TODO: Write down the algorithm for Divide and Conquer.

TODO: Write about non-square matrices and cache behavior for Divide and Conquer

TODO: Implement divide and conquer with loop reordering to show gains from multi-core on large matrices.

What we didn't cover

We clearly didn't cover vector processing on the CPU in detail, using instruction sets such as AVX on x86 and NEON on ARM. These will be covered in separate blog posts. Fortunately, in practice, using -O3 -march=native tends to benefit from some vectorization generated by the compiler, although usually it's not nearly good enough unless we know all dimensions statically. Hand-written assembly code would tend to do better, but that's a topic for another blog post.

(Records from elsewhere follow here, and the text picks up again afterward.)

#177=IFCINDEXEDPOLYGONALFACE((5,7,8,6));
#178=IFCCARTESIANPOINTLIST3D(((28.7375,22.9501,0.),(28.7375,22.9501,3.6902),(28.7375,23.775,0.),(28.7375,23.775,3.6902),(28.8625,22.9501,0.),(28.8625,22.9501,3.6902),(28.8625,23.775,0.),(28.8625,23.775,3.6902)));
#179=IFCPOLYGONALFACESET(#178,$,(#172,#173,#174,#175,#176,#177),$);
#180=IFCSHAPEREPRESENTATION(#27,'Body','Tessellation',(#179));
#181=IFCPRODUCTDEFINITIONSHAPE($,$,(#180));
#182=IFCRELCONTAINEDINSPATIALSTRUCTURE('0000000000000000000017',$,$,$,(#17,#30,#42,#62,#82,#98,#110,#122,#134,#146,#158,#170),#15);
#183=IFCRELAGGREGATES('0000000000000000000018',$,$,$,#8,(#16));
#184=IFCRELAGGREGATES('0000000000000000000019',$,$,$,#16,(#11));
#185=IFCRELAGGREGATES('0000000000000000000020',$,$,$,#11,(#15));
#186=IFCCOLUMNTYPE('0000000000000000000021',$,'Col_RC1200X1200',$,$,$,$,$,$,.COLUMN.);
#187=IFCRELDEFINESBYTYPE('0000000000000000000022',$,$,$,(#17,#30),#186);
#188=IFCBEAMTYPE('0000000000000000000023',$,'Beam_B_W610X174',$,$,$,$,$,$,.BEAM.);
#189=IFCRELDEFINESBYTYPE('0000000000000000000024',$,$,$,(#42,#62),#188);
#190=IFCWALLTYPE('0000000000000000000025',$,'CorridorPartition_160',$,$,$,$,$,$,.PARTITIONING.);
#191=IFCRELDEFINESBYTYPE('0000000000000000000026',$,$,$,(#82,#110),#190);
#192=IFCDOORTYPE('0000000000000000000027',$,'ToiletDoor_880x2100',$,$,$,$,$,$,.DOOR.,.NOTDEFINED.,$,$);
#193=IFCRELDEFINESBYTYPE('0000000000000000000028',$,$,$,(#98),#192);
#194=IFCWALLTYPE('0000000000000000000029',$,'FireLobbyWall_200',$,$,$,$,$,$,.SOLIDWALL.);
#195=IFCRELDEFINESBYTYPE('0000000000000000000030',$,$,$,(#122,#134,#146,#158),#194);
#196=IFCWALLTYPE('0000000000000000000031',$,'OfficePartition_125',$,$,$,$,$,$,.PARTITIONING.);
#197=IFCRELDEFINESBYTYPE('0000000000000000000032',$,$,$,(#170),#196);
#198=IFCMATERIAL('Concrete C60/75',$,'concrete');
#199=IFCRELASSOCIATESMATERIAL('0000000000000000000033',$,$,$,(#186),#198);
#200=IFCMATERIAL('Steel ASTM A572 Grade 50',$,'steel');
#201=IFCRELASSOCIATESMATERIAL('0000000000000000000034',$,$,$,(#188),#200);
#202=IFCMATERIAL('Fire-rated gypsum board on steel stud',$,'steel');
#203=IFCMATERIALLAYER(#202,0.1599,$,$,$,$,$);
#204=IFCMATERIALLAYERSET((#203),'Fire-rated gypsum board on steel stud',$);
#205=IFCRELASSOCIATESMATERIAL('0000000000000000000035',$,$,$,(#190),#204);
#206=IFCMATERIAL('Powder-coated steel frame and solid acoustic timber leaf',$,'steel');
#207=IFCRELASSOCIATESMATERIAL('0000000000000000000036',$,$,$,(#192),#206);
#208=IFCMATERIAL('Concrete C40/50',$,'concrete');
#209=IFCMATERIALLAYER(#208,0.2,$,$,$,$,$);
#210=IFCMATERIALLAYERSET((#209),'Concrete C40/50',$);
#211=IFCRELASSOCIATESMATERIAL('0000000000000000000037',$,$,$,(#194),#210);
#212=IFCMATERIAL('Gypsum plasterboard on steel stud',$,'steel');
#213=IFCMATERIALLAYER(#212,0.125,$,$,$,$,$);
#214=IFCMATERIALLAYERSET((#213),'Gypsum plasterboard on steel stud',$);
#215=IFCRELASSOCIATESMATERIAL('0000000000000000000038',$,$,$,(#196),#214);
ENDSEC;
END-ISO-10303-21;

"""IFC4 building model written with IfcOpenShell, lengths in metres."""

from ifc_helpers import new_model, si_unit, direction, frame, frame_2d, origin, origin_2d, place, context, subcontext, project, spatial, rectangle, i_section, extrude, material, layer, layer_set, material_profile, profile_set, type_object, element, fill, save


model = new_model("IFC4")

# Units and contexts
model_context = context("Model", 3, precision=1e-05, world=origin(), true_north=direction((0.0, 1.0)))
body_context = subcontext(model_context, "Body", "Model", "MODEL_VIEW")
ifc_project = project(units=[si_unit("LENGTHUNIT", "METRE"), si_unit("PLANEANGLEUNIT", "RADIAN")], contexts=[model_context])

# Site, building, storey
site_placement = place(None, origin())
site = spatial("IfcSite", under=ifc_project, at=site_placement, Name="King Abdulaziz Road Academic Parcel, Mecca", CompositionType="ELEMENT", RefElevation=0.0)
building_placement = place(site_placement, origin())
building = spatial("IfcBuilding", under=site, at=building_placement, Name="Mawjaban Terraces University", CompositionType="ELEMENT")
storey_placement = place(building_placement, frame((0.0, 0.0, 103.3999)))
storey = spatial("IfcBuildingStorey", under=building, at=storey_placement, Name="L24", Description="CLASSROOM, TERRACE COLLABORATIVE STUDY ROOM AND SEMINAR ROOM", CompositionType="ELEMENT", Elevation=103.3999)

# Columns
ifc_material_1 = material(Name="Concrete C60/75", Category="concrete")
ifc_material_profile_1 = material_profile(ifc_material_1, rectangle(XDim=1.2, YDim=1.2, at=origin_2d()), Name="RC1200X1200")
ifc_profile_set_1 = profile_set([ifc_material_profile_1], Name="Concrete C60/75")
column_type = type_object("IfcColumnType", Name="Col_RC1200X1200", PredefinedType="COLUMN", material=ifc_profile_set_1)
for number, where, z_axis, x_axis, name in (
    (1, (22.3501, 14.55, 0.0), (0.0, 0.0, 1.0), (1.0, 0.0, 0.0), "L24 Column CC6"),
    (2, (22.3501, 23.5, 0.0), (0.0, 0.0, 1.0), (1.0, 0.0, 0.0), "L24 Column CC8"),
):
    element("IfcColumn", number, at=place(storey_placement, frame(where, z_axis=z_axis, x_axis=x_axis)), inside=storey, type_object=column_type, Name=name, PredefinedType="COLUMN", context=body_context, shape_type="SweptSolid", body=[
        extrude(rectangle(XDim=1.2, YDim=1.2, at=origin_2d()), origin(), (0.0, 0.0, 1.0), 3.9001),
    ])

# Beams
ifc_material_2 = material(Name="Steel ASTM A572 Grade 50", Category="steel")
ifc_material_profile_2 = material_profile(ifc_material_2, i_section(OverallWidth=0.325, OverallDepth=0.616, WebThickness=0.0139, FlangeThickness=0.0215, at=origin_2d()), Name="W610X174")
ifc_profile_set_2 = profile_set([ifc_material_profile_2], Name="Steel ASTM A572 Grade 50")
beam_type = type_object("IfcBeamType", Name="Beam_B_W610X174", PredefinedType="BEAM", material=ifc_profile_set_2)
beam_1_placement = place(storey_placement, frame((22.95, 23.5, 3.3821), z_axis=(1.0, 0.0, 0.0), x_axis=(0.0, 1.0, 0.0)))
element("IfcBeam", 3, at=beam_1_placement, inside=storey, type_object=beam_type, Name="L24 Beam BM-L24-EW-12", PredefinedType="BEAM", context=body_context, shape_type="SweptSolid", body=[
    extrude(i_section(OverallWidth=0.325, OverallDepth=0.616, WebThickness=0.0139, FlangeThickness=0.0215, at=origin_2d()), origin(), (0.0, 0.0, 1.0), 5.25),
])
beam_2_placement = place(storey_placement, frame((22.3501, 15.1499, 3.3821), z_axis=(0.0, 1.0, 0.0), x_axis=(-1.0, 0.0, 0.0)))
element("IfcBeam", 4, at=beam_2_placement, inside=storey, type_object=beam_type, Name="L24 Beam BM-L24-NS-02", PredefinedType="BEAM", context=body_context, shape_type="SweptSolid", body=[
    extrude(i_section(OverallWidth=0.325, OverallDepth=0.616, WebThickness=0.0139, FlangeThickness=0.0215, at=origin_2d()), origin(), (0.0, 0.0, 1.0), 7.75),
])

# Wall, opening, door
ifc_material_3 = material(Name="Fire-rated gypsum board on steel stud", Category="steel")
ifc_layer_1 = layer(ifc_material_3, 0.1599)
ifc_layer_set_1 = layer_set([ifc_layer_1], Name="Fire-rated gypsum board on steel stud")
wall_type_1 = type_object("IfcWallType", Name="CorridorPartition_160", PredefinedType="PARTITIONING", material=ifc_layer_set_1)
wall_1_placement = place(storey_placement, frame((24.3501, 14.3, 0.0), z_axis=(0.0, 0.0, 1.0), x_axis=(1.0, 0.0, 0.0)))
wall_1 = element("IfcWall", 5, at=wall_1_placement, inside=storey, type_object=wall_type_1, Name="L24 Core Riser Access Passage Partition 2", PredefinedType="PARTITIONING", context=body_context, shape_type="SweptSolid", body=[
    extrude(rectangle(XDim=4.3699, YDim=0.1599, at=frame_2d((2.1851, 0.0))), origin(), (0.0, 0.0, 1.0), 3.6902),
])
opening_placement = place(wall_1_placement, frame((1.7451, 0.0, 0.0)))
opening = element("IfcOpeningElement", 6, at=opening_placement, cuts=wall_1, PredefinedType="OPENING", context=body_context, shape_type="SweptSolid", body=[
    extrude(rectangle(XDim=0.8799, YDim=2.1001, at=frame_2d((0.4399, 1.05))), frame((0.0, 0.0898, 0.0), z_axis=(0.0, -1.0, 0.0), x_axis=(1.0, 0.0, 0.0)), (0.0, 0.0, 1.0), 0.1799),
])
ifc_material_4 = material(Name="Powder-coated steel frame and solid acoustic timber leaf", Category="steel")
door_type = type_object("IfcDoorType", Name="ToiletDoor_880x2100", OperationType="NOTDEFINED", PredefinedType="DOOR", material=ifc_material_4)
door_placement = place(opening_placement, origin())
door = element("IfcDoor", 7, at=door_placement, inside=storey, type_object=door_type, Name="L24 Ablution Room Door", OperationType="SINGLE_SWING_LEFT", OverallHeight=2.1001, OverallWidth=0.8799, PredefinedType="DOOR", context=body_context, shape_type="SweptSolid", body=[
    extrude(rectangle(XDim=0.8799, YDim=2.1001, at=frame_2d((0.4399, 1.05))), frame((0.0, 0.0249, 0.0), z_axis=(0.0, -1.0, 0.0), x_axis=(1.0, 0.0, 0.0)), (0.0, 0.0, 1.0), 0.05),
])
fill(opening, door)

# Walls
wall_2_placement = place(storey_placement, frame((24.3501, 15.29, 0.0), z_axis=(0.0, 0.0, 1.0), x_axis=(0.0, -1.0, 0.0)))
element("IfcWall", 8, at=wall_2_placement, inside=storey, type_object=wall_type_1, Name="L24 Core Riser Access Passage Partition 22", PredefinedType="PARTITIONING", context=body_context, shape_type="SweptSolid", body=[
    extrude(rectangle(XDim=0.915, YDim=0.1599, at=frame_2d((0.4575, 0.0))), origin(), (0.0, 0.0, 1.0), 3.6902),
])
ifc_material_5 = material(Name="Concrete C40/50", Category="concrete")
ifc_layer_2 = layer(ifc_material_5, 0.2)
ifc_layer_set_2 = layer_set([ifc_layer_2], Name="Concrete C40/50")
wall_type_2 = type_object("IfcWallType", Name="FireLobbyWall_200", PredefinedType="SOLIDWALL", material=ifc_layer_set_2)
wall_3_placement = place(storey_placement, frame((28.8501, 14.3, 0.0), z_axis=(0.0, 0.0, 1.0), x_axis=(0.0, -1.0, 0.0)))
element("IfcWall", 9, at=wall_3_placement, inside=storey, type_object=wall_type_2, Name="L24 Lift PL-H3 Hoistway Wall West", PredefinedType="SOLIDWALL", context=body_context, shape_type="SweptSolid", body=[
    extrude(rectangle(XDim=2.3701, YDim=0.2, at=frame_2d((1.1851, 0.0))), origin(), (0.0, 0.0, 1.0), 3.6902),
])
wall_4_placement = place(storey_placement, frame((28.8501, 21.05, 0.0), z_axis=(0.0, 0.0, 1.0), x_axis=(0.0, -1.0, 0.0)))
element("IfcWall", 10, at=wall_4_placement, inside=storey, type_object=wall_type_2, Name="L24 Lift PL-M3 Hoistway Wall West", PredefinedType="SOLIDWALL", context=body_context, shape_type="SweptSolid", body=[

Also, there exist algorithms that do less work than $\Theta(M*N*K)$, such as Strassen's algorithm, but it deserves its own blog post, so I won't cover it now. Also, Strassen's algorithm can have worse numerical accuracy, so that's another reason to give it the detailed treatment that it deserves in a separate post. There are also other algorithms which has even better complexity than Strassen's algorithm, such as Coppersmith-Winograd, however these algorithms have gigantic constant factors, that are big enough that the better big-O performance only pays off for big enough problems that they don't fit on modern computers (that is, they are galactic algorithms).

We also didn't cover distributed, communication-avoiding matrix multiplication algorithms, such as Cannon's algorithm. That would be a topic with enough content for yet another long blog post.